Your next question comes from Ashok Dutta from Platts. Your line is open.

Ashok Dutta

Hi, good morning. Thank you for taking my question. I just wanted to find out how things are with Alberta crude terminal? What kind of loadings you have in the last quarter and how do things look like for the next quarter at least?

David Smith

Well, what I can see with our Alberta crude terminal is that it's underpinned by a long term take-or-pay arrangement. I guess regardless of how much volumes do we handle the cash flow there is relatively stable. Depending on the difference crude slates that are available and the price of those crude slates relative to other sources that can be accessed, those lines can fluctuate from time to time, but again the cash flow there is very stable.

Ashok Dutta

Okay. And any kind of indication as to how much volumes you handle in the last quarter, please?

David Smith

I don't have the exact number off the top of my head. We don't disclose that. I don't think.

Bradley Lock

No. We don't disclose that number.

Ashok Dutta

All right, thank you.

Operator

I have no further questions. Thank you. I'll turn the call back over to the presenters for closing remarks.

David Smith

I think there's one more question, Operator that we will take.

Operator

Yes, just popped in now. Dirk Lever from AltaCorp Capital. Your line is open.

Dirk Lever

Good morning. Thanks. I could hear it buzzing at my end and I guess you guys couldn't hear it. My question has to do with the liquids business and the condensate. In your commentary in the MD&A, you've mentioned that you had seen the amount coming in by rail going down and I assume that's domestic production. But as we've got more oil sands production coming on, is it more likely that that stuff is going to be coming on a rail basis to meet that increased demand?

Dean Setoguchi

There's a number of variables that will affect how much volume actually gets railed into Evington, but we certainly believe longer term as demand for [indiscernible] growth over the next two or three years. We believe that some of that supply to fulfill that demand will be sourced from rail and we are well-positioned to deliver those lines by rail.

Dirk Lever

Okay, thanks very much.

David Smith

Dirk, it's Dave here. I might add to that.
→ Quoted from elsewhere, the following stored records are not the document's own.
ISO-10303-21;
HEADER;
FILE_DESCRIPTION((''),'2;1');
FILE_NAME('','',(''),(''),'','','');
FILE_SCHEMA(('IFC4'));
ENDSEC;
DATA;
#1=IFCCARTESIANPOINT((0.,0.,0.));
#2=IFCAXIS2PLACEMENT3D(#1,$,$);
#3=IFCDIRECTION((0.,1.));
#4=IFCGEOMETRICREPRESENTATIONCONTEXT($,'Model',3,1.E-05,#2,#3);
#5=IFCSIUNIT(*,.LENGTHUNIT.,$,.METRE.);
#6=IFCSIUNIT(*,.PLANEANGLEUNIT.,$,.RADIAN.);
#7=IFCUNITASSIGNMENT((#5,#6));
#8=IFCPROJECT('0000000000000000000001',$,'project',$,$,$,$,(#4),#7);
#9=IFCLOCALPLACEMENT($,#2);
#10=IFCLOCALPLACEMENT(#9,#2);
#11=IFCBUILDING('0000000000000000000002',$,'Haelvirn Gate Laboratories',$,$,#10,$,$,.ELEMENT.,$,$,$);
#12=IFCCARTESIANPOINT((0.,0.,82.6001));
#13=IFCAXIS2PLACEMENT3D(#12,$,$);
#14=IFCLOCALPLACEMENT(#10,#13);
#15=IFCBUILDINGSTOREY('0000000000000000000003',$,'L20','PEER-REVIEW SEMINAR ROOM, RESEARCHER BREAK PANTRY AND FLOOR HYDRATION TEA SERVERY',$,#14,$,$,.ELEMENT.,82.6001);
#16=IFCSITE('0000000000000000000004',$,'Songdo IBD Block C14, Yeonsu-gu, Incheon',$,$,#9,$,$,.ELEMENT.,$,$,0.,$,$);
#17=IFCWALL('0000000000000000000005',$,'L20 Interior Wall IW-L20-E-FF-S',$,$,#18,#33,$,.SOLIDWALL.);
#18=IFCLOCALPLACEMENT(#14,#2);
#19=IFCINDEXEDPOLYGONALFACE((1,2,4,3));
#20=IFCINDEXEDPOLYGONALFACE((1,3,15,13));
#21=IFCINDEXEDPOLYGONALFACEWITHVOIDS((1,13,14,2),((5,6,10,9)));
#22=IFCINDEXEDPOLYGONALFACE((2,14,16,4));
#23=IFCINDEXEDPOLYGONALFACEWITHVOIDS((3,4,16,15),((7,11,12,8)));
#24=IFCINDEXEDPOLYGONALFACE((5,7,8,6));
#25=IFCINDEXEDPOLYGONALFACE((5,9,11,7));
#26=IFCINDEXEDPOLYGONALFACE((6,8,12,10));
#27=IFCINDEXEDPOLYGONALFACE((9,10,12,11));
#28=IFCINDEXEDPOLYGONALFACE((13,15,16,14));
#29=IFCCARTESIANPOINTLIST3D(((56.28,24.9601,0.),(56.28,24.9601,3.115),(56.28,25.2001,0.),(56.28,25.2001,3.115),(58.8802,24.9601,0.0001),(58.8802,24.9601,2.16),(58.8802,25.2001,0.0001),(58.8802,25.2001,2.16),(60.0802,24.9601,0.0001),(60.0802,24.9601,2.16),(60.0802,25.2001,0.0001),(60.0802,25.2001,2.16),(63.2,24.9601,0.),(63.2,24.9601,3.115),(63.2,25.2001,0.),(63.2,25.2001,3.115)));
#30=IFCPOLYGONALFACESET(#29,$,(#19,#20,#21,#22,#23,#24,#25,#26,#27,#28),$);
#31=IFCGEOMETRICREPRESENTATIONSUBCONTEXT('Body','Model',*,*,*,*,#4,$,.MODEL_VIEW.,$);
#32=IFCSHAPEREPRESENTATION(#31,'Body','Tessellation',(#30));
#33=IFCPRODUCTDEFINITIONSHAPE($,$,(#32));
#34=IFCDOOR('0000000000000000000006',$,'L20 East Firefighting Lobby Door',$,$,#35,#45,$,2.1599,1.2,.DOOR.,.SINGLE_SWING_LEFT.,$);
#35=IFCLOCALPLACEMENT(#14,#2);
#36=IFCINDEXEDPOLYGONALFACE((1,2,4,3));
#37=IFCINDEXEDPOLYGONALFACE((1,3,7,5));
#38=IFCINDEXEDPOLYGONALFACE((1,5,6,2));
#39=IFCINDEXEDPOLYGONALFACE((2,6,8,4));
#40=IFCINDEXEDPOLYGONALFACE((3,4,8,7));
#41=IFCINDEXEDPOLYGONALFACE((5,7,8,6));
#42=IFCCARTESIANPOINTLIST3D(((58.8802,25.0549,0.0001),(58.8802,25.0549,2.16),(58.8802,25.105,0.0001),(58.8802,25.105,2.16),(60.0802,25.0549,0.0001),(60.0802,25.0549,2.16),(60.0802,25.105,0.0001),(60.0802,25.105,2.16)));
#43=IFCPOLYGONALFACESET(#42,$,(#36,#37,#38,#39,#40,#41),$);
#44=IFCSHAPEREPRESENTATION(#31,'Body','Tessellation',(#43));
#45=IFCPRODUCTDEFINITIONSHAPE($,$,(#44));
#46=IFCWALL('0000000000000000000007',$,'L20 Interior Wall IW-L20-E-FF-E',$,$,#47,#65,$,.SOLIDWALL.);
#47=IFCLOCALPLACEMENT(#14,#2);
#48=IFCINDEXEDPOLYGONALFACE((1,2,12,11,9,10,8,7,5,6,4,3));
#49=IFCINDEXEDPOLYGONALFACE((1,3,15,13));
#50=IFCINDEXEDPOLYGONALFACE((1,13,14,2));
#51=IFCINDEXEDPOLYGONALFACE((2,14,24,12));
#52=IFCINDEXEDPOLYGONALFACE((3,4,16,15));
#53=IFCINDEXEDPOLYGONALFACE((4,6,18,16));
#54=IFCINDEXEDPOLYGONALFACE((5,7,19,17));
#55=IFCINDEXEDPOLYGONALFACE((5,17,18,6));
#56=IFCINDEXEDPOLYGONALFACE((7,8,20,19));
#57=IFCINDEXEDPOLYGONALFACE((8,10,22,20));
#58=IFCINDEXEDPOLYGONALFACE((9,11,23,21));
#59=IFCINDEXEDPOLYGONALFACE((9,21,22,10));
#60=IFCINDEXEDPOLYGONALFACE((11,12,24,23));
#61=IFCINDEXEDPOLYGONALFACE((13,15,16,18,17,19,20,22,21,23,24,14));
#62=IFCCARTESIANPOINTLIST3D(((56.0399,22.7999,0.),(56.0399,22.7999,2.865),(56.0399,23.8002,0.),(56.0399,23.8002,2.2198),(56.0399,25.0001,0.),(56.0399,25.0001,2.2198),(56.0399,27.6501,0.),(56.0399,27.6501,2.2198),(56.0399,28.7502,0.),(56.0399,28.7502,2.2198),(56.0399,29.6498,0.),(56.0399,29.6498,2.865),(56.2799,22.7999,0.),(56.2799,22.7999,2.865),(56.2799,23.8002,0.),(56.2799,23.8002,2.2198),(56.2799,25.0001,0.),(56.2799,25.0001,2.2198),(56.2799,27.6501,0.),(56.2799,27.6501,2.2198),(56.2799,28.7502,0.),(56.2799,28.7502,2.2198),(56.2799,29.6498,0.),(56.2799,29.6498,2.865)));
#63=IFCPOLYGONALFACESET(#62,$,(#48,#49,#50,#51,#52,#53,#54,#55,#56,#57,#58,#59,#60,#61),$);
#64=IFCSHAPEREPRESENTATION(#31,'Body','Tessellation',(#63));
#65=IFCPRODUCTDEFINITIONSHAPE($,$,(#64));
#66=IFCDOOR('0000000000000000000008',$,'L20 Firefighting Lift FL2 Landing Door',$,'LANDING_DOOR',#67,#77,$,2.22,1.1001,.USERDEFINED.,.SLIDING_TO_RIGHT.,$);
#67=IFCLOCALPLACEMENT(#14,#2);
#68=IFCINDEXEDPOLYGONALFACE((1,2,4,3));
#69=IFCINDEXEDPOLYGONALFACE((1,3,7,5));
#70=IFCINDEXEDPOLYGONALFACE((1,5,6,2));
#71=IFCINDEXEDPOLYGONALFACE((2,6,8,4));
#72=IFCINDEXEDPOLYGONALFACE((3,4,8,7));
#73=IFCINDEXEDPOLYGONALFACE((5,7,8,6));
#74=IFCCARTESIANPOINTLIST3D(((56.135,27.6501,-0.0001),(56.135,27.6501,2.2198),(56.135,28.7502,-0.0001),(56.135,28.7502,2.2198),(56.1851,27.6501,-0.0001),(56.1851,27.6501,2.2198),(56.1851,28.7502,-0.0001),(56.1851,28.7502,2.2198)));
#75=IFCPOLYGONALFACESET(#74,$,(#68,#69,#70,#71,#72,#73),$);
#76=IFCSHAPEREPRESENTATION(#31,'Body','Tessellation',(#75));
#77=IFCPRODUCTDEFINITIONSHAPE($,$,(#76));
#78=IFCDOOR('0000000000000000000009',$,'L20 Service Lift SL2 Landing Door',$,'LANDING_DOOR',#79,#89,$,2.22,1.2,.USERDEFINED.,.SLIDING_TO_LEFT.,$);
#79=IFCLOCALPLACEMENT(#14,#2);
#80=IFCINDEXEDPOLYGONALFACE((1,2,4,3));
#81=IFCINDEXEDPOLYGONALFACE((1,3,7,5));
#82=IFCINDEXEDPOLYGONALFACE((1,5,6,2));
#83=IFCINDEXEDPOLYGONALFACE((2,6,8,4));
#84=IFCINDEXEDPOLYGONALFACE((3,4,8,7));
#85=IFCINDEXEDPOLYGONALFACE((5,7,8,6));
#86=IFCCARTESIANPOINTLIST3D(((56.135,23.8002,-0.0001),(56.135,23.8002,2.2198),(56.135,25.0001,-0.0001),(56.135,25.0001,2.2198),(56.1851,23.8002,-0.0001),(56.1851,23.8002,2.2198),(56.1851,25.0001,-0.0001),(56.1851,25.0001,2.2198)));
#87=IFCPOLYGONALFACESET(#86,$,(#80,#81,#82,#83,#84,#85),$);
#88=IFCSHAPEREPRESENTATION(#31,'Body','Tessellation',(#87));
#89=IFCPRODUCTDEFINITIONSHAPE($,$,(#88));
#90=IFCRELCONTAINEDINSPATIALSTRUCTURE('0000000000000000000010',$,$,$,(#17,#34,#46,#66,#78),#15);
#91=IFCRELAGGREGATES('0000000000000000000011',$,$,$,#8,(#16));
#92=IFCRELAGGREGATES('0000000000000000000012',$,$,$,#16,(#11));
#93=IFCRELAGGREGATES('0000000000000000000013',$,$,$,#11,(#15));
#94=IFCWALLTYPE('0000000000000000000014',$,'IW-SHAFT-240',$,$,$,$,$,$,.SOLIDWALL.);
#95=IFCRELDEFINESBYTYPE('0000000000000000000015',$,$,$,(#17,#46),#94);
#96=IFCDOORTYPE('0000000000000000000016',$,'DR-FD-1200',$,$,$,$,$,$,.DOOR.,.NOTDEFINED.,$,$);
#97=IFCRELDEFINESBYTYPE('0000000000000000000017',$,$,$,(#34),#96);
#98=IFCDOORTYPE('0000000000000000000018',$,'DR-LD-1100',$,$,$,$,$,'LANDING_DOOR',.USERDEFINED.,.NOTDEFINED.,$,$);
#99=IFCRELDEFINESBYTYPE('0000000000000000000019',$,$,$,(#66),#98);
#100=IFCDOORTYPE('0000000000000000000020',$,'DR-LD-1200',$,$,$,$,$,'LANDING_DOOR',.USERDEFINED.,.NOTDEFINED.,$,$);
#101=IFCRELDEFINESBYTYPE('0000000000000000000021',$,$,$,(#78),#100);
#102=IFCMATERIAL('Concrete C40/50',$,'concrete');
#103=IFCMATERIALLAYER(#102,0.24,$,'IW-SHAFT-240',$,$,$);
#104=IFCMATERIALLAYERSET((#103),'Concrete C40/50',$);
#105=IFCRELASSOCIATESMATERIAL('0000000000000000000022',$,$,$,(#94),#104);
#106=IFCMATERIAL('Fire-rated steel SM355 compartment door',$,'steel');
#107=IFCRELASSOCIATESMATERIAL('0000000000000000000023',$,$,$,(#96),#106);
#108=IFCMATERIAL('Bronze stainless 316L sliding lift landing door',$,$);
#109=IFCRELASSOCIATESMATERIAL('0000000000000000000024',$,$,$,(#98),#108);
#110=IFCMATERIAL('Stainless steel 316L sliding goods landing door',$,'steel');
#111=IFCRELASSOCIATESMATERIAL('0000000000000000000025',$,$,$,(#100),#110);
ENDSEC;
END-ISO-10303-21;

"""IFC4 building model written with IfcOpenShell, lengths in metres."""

from ifc_helpers import new_model, si_unit, direction, frame, frame_2d, origin, place, context, subcontext, project, spatial, rectangle, extrude, source, transform, mapped, material, layer, layer_set, type_object, type_shapes, element, fill, save


model = new_model("IFC4")

# Units and contexts
model_context = context("Model", 3, precision=1e-05, world=origin(), true_north=direction((0.0, 1.0)))
body_context = subcontext(model_context, "Body", "Model", "MODEL_VIEW")
ifc_project = project(units=[si_unit("LENGTHUNIT", "METRE"), si_unit("PLANEANGLEUNIT", "RADIAN")], contexts=[model_context])

# Site, building, storey
site_placement = place(None, origin())
site = spatial("IfcSite", under=ifc_project, at=site_placement, Name="Songdo IBD Block C14, Yeonsu-gu, Incheon", CompositionType="ELEMENT", RefElevation=0.0)
building_placement = place(site_placement, origin())
building = spatial("IfcBuilding", under=site, at=building_placement, Name="Haelvirn Gate Laboratories", CompositionType="ELEMENT")
storey_placement = place(building_placement, frame((0.0, 0.0, 82.6001)))
storey = spatial("IfcBuildingStorey", under=building, at=storey_placement, Name="L20", Description="PEER-REVIEW SEMINAR ROOM, RESEARCHER BREAK PANTRY AND FLOOR HYDRATION TEA SERVERY", CompositionType="ELEMENT", Elevation=82.6001)

# Shared definitions
ifc_material_1 = material(Name="Concrete C40/50", Category="concrete")

# Wall, opening, door
ifc_layer_1 = layer(ifc_material_1, 0.24, Name="IW-SHAFT-240")
ifc_layer_set_1 = layer_set([ifc_layer_1], Name="Concrete C40/50")
wall_type_1 = type_object("IfcWallType", Name="IW-SHAFT-240", PredefinedType="SOLIDWALL", material=ifc_layer_set_1)
wall_1_placement = place(storey_placement, frame((56.28, 25.0801, 0.0), z_axis=(0.0, 0.0, 1.0), x_axis=(1.0, 0.0, 0.0)))
wall_1 = element("IfcWall", 1, at=wall_1_placement, inside=storey, type_object=wall_type_1, Name="L20 Interior Wall IW-L20-E-FF-S", PredefinedType="SOLIDWALL", context=body_context, shape_type="SweptSolid", body=[
    extrude(rectangle(XDim=6.9199, YDim=0.24, at=frame_2d((3.46, 0.0))), origin(), (0.0, 0.0, 1.0), 3.115),
])
opening_1_placement = place(wall_1_placement, frame((2.6001, 0.0, 0.0)))
opening_1 = element("IfcOpeningElement", 2, at=opening_1_placement, cuts=wall_1, PredefinedType="OPENING", context=body_context, shape_type="SweptSolid", body=[
    extrude(rectangle(XDim=1.2, YDim=2.1599, at=frame_2d((0.6001, 1.0801))), frame((0.0, 0.1299, 0.0), z_axis=(0.0, -1.0, 0.0), x_axis=(1.0, 0.0, 0.0)), (0.0, 0.0, 1.0), 0.26),
])
ifc_material_2 = material(Name="Fire-rated steel SM355 compartment door", Category="steel")
door_type_1 = type_object("IfcDoorType", Name="DR-FD-1200", OperationType="NOTDEFINED", PredefinedType="DOOR", material=ifc_material_2)
shared_shape_1 = source(origin(), body_context, "Body", "SweptSolid", [
    extrude(rectangle(XDim=1.2, YDim=2.1599, at=frame_2d((0.6001, 1.0801))), frame((0.0, 0.0249, 0.0), z_axis=(0.0, -1.0, 0.0), x_axis=(1.0, 0.0, 0.0)), (0.0, 0.0, 1.0), 0.05),
])
type_shapes(door_type_1, [shared_shape_1])
door_1_placement = place(opening_1_placement, origin())
door_1 = element("IfcDoor", 3, at=door_1_placement, inside=storey, type_object=door_type_1, Name="L20 East Firefighting Lobby Door", OperationType="SINGLE_SWING_LEFT", OverallHeight=2.1599, OverallWidth=1.2, PredefinedType="DOOR", context=body_context, shape_type="MappedRepresentation", body=[
    mapped(shared_shape_1, transform((0.0, 0.0, 0.0), scale=1.0)),
])
fill(opening_1, door_1)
What we've seen in the short term here is that volumes coming in on two pipelines, the coaching pipeline operated by Kinder Morgan and the southern lines pipeline operator by Enbridge coupled with the growth in domestic condensate production primarily from the deep basin area have really been supplying most of the condensate requirement for the industry and so that's one of the reasons why the rails volumes have tailed off here a little bit in the short term. The other factor that affects the amount of rail volume that we see is really just the price differential. If the U.S. producers have more attractive alternatives to sell their condensate either for export or to domestic refiners, then it becomes more difficult for the rail barrels to make sense to come up into Canada. But that can vary from time to time.

As Dean said, I think longer term; we think that there's still going to be a role for rail barrels to augment the supply that comes in by pipe.

Dirk Lever

Right because the coaching in southern lines, they're running fairly close to full capacity. Right?

David Smith

I think there are still available capacity on those pipes, but they're certainly filling the firm commitments on the pipes at the current volume levels as I understand it. Yes.

Dirk Lever

Thank you very much.

Operator

So now we have no questions in queue. I'm going to turn the call back to the presenters for any closing remarks.

Lavonne Zdunich

Thank you. That completes our 2016 second quarter conference call. If you have any other questions, please call us. The contact information is in yesterday's release. Thank you for listening. And have a good day.

Operator

Thank you, everyone. This will conclude today's conference call. You may now disconnect.